Antes de que marinillos y santuarianos crearan a partir de mediados de los 90 la enmarañada red de laberintos para conectar sus negocios y armar, local a local, centros comerciales con tantas entradas y salidas como una rosa de los vientos, en el germen de lo que sería El Hueco, los comerciantes se las ingeniaron para solucionar las necesidades de los habitantes de Medellín –y crear nuevas– desde diminutas piezas de hoteles viejos como el Monserrate y la Montaña donde embutían cientos de cajas de mercancías traídas desde San Andrés, sin más estrategia de mercadeo que el voz a voz que corría por los barrios con el anuncio de que ahí era posible encontrar todo lo que una familia paisa pudiera imaginar en ese entonces y a un precio alcanzable.

Luego llegaron los sanandresitos y posteriormente se erigieron los centros comerciales pioneros en Maturín, Pichincha, Carabobo, Cúcuta y Ayacucho. Con los contenedores descargando insumos y mercancías a toneladas y las fábricas propias trabajando a todo vapor, los comerciantes entendieron que para destacar entre la feroz competencia había que hacerse notar. Empezaron a florecer las boutiques. Salir del pequeño local en busca del almacén esquinero, en los puntos más concurridos, se convirtió en señal de prosperidad. Pero, nuevamente, hubo que dar un timonazo.
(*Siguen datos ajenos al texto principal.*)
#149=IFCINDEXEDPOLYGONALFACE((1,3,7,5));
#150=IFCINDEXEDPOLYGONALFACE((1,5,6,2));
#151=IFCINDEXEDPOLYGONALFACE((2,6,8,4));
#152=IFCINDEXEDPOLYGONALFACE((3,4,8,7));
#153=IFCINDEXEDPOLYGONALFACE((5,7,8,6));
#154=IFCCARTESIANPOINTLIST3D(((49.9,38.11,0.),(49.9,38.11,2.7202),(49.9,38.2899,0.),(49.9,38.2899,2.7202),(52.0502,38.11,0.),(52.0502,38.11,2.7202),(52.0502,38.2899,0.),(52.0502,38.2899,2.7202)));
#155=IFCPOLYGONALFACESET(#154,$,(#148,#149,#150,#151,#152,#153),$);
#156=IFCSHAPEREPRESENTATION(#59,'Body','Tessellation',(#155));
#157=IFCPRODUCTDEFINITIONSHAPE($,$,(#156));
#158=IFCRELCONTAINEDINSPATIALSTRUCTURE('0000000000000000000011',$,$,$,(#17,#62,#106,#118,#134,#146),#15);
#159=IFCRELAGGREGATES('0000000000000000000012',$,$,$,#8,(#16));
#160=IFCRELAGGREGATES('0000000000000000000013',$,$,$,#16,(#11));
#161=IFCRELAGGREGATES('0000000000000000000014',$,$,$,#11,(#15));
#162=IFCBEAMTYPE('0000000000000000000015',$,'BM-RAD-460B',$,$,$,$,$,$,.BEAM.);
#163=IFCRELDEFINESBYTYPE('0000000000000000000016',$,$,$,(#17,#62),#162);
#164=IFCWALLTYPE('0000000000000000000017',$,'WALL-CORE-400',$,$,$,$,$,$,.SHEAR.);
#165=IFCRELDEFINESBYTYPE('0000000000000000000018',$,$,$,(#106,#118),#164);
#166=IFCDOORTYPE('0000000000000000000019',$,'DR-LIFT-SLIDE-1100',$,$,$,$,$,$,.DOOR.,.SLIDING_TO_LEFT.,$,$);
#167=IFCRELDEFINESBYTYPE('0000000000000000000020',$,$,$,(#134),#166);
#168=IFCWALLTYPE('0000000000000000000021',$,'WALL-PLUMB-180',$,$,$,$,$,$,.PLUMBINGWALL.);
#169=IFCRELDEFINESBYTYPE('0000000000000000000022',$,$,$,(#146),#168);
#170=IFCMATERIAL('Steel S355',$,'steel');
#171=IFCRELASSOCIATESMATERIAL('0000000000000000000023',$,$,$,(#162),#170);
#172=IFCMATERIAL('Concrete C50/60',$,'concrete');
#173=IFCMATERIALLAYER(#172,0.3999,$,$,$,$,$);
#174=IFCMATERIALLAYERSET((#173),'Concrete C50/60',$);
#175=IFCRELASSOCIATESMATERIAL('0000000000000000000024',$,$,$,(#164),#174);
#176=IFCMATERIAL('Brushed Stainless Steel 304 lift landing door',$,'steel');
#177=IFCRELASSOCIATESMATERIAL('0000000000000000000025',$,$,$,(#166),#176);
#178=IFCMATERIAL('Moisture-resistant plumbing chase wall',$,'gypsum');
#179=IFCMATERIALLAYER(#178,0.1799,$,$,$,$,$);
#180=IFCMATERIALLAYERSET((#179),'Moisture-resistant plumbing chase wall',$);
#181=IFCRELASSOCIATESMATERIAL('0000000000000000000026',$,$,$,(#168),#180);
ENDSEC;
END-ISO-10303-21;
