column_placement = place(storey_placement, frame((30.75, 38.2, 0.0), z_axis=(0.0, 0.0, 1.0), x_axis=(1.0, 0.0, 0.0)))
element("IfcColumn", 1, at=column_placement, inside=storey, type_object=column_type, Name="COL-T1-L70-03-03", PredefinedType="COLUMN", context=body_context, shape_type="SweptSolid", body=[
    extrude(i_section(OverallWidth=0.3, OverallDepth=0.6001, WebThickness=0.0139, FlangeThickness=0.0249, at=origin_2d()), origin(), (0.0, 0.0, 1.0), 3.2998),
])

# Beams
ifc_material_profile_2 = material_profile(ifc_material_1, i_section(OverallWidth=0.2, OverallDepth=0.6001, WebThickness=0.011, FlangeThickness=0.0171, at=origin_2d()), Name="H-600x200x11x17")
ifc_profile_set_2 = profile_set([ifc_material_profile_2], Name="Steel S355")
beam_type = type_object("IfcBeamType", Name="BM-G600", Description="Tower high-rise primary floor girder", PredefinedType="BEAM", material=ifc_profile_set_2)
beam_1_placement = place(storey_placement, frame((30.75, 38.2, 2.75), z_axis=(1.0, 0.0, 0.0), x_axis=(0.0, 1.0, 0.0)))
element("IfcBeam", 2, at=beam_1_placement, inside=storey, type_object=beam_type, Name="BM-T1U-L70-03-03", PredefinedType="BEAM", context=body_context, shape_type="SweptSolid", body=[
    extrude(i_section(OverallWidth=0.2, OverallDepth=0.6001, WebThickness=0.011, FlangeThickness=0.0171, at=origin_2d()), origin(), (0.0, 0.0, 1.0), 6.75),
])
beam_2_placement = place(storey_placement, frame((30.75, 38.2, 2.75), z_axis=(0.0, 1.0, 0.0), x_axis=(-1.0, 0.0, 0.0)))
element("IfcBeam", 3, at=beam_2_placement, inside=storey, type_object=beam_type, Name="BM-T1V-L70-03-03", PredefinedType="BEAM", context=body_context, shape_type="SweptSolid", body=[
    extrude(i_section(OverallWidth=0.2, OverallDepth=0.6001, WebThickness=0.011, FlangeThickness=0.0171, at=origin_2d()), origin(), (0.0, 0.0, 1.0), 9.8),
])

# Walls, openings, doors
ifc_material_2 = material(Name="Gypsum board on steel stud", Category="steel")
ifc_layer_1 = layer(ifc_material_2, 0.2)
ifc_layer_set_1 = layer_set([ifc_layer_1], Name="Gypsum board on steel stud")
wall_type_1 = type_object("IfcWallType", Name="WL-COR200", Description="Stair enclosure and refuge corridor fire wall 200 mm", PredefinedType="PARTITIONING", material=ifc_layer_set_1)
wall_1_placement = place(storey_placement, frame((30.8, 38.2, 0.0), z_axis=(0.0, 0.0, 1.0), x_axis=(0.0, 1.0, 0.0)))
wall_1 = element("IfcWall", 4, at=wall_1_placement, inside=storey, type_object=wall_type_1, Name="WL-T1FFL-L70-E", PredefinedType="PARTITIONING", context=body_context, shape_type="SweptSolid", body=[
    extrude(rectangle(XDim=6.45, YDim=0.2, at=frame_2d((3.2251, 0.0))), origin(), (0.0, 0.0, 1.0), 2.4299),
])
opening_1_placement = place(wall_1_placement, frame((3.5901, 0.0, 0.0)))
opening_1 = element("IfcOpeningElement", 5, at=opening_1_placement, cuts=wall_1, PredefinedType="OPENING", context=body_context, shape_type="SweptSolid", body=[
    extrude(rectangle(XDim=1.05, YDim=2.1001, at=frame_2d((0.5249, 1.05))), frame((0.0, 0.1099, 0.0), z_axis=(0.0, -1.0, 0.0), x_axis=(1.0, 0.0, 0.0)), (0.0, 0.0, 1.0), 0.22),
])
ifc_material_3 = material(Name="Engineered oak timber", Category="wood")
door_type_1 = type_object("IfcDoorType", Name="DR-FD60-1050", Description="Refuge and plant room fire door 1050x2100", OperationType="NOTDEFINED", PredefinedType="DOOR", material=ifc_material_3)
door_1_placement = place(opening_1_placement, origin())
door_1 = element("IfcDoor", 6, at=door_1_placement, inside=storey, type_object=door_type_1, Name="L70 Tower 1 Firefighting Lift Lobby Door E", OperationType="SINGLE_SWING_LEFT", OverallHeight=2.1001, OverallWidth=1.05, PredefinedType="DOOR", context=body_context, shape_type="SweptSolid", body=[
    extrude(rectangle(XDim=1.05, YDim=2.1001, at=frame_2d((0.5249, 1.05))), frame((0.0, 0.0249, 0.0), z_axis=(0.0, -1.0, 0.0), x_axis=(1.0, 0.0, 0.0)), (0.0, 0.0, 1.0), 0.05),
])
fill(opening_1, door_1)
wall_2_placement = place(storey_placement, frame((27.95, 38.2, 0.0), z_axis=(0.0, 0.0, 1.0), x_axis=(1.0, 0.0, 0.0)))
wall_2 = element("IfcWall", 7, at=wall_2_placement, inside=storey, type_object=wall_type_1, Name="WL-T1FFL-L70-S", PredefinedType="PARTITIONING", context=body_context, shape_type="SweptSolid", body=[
El Hueco se reinventa y ahora conquista mercados de otras ciudades desde bodegas escondidas y redes sociales

La pandemia obligó a cientos de comerciantes a atrincherarse nuevamente en pequeños locales, en los pisos superiores de los edificios y centros comerciales, en rincones, en bodegas desprovistas de todo lujo o notoriedad. Sin embargo, el reacomodo llegó con estrategia. Cuenta Daniel Manzano, director ejecutivo de Asoguayaquil, que a pesar de que muchos no tenían experiencia previa en estrategias de mercadeo digital, la intuición los fue llevando entre ensayo y error a moverse en las redes sociales hasta lograr consolidar en los últimos cuatro años un completa estrategia de promoción que llevó a El Hueco a trascender las fronteras de Medellín. “Los empresarios fueron muy ágiles en entender cuáles eran las transformaciones necesarias para sobrevivir y crecer. Entonces adoptaron un modelo que les permitía mantenerse fuerte operando desde bodegas como punto de atención y moviéndose en redes sociales descubriendo un potencial de ventas casi impensado”, explica Manzano.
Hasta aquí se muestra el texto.